Disclaimer: I'm not J.K. Rowling; I'm only visiting her universe for nonprofit fun and edification. (No profit is being made and no copyright infringement is intended).
***
From the journal of Hermione Granger
(undated - first week of July 1998)
The dreams seem to know that I'm sleeping in a new room. Now it isn't Bellatrix but the snatchers—I'm dreaming a repeated loop of the moment when they dragged us out of the tent and I just had time to hit Harry with a jinx to make his face unrecognizable. I never did ask him if it hurt. I don't think any of us were thinking about that at the time.
That moment that plays over and over. And then I wake up, uselessly early. It's four or five in the morning, too early to get up, too late to think about more sleep, and I'm still on high alert. So I'm lying awake without being about to do anything about it.

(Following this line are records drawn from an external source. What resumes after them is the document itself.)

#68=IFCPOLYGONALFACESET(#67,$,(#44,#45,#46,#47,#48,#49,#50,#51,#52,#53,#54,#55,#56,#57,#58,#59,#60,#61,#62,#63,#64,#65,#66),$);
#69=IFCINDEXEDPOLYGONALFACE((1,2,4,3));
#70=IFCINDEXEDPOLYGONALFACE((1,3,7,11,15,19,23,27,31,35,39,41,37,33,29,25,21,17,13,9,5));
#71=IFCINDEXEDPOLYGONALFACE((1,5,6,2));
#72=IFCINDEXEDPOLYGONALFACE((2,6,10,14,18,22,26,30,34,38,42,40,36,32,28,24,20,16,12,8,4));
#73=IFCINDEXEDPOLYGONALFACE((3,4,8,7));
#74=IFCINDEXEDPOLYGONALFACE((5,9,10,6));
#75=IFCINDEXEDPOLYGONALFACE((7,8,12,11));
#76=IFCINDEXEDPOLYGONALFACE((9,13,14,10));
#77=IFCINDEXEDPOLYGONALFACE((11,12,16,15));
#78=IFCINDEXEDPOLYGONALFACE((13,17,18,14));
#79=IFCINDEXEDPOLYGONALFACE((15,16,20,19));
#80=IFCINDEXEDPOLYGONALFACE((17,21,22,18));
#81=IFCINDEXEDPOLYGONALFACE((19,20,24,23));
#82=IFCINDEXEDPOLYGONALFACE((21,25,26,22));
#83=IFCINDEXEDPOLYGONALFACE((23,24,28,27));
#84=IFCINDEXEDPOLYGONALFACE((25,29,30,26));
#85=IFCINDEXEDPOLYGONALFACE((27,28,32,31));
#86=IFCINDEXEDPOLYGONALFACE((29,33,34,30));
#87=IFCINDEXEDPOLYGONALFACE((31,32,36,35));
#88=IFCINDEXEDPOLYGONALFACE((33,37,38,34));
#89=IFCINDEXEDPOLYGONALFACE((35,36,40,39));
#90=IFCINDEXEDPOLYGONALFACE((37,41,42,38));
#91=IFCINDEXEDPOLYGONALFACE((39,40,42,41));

This room doesn't have windows, so I have wandlight or candles and that's it. No fire, of course, because the bed curtains keep me warm enough through a summer night.
Over and over. It's the way that I used to review my tests, what I answered on what item. In this case, the test item is the casting of that jinx. I don't know why my brain has fixed on that. It was all I had time to do, and it worked, or so I tell the examiner in my brain. They—the enemy—didn't recognize Harry, and that bought us enough time—enough time to be saved by chance.
Only then that takes me to another thread, which I don't want to think about. The questioning. I knew it wasn't going to end well, no matter what happened, but it was those agonizing moments when Lucius dragged Draco over to look at us, and he mumbled and shuffled and didn't know. "Yeah, could be," he mumbled, when Lucius asked him if it was Harry, which was odd because he never was a mumbler before. I would have expected him to be crisp and certain about it, and recommend Ron and me both for torture forthwith even if he wasn't sure about Harry.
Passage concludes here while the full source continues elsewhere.